Looks fantastic, this is just what I need for recent work. However, the current algorithm is unable to find some denesting result even when one truly exists, e.g. ones related to non-algebraic numbers and transcendental functions, like this below:

$$ \frac{1}{2} \sqrt{2-\sqrt{2+\sqrt{2+\sqrt{2+\sqrt{3}}}}} $$

From my test today, the function posted is unable to find the denesting result of the compound radicals above, but there truly exists one:

$$\frac{1}{2} \sqrt{2-\sqrt{2+\sqrt{2+\sqrt{2+\sqrt{3}}}}}=\sin \left(\frac{\pi }{96}\right)$$

So I hope you can improve your function, making it able to solve compound radicals related to non-algebraic numbers and transcendental functions.
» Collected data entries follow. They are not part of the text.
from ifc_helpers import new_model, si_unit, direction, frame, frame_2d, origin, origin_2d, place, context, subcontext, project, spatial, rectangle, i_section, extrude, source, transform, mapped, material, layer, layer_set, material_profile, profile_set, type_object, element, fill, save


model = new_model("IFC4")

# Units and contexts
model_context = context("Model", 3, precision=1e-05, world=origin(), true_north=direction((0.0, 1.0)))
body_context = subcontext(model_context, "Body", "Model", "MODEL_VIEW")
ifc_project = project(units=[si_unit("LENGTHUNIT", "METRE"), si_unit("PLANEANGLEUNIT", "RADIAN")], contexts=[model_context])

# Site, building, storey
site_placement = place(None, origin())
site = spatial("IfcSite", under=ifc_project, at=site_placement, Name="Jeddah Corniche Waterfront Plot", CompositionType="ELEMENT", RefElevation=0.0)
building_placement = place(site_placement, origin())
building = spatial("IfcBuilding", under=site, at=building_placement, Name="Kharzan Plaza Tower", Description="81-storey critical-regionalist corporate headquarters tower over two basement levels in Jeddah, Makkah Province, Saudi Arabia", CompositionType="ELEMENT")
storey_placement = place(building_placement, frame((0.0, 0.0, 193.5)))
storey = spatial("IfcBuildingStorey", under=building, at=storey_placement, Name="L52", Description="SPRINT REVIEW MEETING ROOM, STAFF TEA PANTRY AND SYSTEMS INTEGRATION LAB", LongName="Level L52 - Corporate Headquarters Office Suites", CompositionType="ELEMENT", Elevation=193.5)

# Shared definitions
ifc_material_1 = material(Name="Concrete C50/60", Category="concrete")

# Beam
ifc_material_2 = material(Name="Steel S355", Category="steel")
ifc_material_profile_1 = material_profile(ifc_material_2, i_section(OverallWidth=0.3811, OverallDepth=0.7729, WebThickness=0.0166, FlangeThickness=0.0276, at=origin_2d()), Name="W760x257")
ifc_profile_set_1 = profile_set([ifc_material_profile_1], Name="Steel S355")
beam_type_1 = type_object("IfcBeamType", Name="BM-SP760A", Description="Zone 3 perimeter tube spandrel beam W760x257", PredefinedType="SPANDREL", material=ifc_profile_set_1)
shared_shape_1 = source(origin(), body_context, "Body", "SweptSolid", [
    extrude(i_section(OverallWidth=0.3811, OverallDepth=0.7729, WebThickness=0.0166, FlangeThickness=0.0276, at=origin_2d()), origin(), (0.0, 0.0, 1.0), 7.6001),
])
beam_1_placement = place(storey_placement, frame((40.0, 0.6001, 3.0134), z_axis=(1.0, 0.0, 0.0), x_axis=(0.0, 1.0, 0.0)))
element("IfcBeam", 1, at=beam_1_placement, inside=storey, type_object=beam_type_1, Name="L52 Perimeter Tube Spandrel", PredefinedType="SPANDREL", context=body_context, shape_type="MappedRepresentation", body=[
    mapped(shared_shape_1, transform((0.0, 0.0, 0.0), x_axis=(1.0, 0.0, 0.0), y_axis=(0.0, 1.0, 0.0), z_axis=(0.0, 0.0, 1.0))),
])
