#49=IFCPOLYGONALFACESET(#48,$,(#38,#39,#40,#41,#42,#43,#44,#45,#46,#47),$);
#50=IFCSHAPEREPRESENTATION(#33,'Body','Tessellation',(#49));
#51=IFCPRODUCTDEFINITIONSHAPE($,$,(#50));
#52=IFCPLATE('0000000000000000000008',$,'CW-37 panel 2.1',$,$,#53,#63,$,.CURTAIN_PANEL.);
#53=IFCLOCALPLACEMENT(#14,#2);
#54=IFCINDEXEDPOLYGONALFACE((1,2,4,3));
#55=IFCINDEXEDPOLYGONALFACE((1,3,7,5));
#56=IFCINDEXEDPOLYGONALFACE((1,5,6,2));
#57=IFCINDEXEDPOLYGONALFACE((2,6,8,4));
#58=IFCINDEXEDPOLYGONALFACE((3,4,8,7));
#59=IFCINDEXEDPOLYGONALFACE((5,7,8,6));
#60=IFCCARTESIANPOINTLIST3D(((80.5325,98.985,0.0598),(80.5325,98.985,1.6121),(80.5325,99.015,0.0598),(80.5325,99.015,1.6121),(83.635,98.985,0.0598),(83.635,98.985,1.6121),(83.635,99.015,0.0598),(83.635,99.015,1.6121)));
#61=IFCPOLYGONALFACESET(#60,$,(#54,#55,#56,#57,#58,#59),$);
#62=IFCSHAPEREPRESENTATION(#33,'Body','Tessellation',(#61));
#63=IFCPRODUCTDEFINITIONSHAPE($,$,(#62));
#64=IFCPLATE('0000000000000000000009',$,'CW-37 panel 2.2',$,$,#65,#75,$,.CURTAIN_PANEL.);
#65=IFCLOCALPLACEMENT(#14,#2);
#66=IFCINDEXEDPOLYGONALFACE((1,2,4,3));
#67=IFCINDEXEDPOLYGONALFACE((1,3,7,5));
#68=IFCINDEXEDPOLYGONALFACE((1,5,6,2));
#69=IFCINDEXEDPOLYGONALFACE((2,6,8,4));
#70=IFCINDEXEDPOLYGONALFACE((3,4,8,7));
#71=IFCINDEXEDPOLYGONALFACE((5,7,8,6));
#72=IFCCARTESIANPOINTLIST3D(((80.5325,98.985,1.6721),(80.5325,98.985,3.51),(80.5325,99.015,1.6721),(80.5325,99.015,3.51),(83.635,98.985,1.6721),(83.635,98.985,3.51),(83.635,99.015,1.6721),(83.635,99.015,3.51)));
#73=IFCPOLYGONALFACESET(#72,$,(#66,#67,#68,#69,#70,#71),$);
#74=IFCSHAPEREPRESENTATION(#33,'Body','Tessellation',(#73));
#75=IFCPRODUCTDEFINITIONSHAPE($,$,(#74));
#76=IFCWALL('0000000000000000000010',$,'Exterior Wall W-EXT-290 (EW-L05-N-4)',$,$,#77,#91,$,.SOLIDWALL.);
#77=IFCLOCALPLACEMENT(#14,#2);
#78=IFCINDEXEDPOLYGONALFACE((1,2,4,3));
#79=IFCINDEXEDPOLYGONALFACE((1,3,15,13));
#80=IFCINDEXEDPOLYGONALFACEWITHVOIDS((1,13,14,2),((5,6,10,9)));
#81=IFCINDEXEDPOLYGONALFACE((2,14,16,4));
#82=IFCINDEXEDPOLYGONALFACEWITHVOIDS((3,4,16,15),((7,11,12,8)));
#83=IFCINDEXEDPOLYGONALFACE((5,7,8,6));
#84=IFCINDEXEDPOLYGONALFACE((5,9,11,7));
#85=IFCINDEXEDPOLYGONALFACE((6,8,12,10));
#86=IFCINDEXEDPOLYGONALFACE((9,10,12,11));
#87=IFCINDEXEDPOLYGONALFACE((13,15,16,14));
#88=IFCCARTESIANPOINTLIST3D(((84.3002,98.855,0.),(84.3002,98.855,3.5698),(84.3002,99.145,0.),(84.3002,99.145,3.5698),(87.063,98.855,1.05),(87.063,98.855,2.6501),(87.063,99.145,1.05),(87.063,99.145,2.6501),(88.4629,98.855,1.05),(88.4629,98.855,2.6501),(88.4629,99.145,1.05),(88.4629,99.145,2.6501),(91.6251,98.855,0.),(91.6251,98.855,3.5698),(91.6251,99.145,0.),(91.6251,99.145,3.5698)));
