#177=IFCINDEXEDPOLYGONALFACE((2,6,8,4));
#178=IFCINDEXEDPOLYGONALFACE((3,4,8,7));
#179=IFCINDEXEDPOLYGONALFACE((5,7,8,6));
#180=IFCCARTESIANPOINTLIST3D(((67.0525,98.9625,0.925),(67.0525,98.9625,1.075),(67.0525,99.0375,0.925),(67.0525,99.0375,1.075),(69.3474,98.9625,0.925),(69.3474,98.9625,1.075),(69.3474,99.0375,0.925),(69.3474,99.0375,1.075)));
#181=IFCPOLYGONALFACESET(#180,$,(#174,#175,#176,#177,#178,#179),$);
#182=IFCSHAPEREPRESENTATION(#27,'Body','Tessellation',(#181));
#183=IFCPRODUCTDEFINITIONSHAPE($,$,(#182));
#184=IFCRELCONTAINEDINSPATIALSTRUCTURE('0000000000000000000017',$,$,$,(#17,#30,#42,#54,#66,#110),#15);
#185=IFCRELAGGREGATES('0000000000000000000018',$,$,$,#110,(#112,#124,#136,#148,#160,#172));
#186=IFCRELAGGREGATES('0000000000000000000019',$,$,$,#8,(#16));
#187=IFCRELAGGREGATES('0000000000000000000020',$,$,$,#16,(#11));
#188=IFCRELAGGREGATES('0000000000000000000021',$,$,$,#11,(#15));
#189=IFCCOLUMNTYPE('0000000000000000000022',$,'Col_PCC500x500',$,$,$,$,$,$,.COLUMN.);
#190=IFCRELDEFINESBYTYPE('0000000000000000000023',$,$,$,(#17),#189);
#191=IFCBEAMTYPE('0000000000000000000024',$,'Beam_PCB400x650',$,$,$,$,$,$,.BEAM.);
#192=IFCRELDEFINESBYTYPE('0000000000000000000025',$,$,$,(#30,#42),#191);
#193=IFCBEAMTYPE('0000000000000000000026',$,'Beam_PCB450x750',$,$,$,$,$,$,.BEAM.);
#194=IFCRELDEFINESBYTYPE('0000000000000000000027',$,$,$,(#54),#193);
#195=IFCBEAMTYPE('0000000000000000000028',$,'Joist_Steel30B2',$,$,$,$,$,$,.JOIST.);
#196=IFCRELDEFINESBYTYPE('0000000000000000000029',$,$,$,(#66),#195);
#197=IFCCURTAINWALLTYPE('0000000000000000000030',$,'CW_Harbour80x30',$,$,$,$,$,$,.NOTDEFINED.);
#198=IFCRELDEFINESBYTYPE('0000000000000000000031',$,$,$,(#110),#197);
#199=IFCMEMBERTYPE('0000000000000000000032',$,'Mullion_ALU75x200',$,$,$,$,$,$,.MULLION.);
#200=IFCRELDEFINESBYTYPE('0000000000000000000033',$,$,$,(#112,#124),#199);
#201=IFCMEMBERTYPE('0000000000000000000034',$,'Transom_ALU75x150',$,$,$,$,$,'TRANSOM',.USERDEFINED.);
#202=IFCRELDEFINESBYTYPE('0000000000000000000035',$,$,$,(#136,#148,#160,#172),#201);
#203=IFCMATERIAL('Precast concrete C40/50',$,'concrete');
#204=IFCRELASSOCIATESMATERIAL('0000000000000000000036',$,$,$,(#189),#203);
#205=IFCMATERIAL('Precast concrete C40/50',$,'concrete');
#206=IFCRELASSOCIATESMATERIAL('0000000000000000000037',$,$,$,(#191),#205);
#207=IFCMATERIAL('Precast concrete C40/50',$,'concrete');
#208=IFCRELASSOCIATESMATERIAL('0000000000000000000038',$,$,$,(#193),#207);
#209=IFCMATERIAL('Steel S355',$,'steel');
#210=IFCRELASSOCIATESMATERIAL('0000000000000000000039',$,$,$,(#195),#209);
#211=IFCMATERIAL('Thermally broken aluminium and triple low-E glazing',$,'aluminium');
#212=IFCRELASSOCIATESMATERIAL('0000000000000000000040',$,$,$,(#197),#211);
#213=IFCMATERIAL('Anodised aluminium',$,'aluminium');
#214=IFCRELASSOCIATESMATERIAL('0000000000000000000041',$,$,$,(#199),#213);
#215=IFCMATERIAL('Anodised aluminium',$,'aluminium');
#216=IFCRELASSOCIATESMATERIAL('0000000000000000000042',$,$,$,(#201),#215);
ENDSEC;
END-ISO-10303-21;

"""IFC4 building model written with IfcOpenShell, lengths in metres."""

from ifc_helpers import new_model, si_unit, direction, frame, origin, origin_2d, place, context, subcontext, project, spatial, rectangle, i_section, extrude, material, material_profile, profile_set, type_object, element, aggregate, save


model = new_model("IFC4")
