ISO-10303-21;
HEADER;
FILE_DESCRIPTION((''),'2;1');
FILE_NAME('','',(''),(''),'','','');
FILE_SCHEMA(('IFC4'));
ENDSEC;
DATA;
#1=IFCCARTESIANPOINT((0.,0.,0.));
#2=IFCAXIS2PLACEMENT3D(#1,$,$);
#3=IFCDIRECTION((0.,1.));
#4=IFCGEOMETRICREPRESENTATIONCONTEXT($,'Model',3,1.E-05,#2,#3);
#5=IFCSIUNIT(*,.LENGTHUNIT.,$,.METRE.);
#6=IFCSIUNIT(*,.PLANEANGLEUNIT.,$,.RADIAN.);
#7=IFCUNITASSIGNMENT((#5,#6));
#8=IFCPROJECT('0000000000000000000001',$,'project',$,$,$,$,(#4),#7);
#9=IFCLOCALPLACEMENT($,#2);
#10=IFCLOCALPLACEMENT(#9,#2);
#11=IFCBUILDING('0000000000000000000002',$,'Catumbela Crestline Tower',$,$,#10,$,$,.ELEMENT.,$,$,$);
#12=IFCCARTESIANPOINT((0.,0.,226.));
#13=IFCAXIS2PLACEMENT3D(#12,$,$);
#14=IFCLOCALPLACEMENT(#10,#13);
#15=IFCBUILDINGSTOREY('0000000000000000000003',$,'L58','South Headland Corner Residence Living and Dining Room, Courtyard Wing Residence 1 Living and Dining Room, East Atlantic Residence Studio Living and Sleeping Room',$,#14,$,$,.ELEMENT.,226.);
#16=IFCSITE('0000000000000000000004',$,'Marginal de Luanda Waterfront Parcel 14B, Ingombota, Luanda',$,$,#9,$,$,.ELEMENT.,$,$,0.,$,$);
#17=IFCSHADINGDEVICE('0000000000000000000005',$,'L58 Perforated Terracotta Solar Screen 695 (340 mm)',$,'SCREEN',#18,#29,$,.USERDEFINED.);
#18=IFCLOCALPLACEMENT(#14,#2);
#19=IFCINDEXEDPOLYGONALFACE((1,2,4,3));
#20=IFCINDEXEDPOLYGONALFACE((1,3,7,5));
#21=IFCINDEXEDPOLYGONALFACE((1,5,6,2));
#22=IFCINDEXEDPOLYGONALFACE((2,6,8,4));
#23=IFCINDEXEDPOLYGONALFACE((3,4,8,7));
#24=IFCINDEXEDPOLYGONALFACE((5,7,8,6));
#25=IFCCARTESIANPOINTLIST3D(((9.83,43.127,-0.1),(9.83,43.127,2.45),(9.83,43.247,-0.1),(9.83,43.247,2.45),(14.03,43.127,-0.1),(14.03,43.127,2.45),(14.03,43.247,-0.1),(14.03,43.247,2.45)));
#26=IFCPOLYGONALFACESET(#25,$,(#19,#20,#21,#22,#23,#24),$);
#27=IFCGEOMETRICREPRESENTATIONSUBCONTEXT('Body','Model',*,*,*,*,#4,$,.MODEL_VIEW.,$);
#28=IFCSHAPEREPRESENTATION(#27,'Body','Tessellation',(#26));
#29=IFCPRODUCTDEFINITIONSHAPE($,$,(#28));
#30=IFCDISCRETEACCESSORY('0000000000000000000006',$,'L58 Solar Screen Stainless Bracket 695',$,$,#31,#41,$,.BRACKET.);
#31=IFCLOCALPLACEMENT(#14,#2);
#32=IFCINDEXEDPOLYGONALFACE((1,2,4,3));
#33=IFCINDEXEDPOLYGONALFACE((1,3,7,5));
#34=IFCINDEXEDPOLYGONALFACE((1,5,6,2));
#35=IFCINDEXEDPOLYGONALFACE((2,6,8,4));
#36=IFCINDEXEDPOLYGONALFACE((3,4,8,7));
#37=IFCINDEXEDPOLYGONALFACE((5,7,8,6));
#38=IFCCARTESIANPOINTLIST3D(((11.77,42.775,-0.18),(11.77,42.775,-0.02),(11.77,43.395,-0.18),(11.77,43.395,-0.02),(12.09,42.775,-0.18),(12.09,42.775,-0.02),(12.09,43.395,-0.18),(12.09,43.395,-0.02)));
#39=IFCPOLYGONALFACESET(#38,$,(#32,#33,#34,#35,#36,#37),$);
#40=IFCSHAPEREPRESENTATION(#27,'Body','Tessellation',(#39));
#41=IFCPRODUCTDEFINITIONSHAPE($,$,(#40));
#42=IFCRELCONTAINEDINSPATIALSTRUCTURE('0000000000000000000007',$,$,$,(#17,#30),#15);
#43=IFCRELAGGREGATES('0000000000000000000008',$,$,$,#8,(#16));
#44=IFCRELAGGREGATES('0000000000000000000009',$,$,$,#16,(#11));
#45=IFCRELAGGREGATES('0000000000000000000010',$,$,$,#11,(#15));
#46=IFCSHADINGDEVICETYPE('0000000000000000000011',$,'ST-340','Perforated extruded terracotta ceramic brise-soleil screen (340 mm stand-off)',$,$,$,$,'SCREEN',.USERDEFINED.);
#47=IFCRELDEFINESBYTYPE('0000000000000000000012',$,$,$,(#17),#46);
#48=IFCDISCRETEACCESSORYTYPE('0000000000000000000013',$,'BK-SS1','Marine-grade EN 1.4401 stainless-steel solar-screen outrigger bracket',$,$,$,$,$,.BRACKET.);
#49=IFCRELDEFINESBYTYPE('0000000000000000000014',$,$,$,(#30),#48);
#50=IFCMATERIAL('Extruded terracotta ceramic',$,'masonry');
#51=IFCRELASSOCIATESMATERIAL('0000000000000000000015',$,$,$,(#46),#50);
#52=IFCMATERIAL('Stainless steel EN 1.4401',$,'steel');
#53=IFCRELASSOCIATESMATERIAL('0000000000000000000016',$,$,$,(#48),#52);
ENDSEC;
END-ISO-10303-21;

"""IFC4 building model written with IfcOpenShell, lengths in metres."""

from ifc_helpers import new_model, si_unit, direction, frame, origin, origin_2d, place, context, subcontext, project, spatial, rectangle, extrude, material, type_object, element, save


model = new_model("IFC4")

# Units and contexts
model_context = context("Model", 3, precision=1e-05, world=origin(), true_north=direction((0.0, 1.0)))
body_context = subcontext(model_context, "Body", "Model", "MODEL_VIEW")
ifc_project = project(units=[si_unit("LENGTHUNIT", "METRE"), si_unit("PLANEANGLEUNIT", "RADIAN")], contexts=[model_context])

# Site, building, storey
site_placement = place(None, origin())
site = spatial("IfcSite", under=ifc_project, at=site_placement, Name="Marginal de Luanda Waterfront Parcel 14B, Ingombota, Luanda", CompositionType="ELEMENT", RefElevation=0.0)
building_placement = place(site_placement, origin())
building = spatial("IfcBuilding", under=site, at=building_placement, Name="Catumbela Crestline Tower", CompositionType="ELEMENT")
storey_placement = place(building_placement, frame((0.0, 0.0, 226.0)))
storey = spatial("IfcBuildingStorey", under=building, at=storey_placement, Name="L58", Description="South Headland Corner Residence Living and Dining Room, Courtyard Wing Residence 1 Living and Dining Room, East Atlantic Residence Studio Living and Sleeping Room", CompositionType="ELEMENT", Elevation=226.0)

# Shared definitions
ifc_material_1 = material(Name="Stainless steel EN 1.4401", Category="steel")

# Shading device
ifc_material_2 = material(Name="Extruded terracotta ceramic", Category="masonry")
shading_device_type = type_object("IfcShadingDeviceType", Name="ST-340", Description="Perforated extruded terracotta ceramic brise-soleil screen (340 mm stand-off)", ElementType="SCREEN", PredefinedType="USERDEFINED", material=ifc_material_2)
shading_device_placement = place(storey_placement, frame((11.93, 43.187, -0.1), z_axis=(0.0, 0.0, 1.0), x_axis=(-1.0, 0.0, 0.0)))
element("IfcShadingDevice", 1, at=shading_device_placement, inside=storey, type_object=shading_device_type, Name="L58 Perforated Terracotta Solar Screen 695 (340 mm)", ObjectType="SCREEN", PredefinedType="USERDEFINED", context=body_context, shape_type="SweptSolid", body=[
    extrude(rectangle(XDim=4.2, YDim=0.12, at=origin_2d()), origin(), (0.0, 0.0, 1.0), 2.55),
])

# Discrete accessory
discrete_accessory_type = type_object("IfcDiscreteAccessoryType", Name="BK-SS1", Description="Marine-grade EN 1.4401 stainless-steel solar-screen outrigger bracket", PredefinedType="BRACKET", material=ifc_material_1)
discrete_accessory_placement = place(storey_placement, frame((11.93, 43.085, -0.18), z_axis=(0.0, 0.0, 1.0), x_axis=(-1.0, 0.0, 0.0)))
element("IfcDiscreteAccessory", 2, at=discrete_accessory_placement, inside=storey, type_object=discrete_accessory_type, Name="L58 Solar Screen Stainless Bracket 695", PredefinedType="BRACKET", context=body_context, shape_type="SweptSolid", body=[
    extrude(rectangle(XDim=0.32, YDim=0.62, at=origin_2d()), origin(), (0.0, 0.0, 1.0), 0.16),
])

save(model, "model.ifc")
Despite its imperfection, I am still very impressive about Corey Ziegler and Bill Gosper, Daniel Lichtblau, Swastik Banerjee and their team's excellent work. This is no doubt a good start. Please keep going, making this function more and more powerful!

Very good! Is there another similar function that does similar things when variables (rather than just numbers) are involved?

For example, there is the function

denestSqrt[e_, domain_, x_] := Replace[y /. Solve[Simplify[Reduce[Reduce[y == e && domain, x], y,
   Reals],  domain], y], {{r_} :> r, _ -> e}]

written by @CarlWoll (denestSqrt).

Here is an example:

denestSqrt[Sqrt[(1 - 2 x) (1 - x - 2 x^2) (2 - x + 2 Sqrt[1 - x - 2 x^2])], 1/3 < x <= 1/8 (2 + Sqrt[2]), x]
(* 1 - x - 2 x^2 + Sqrt[-(1 + x) (-1 + 2 x)^3] *)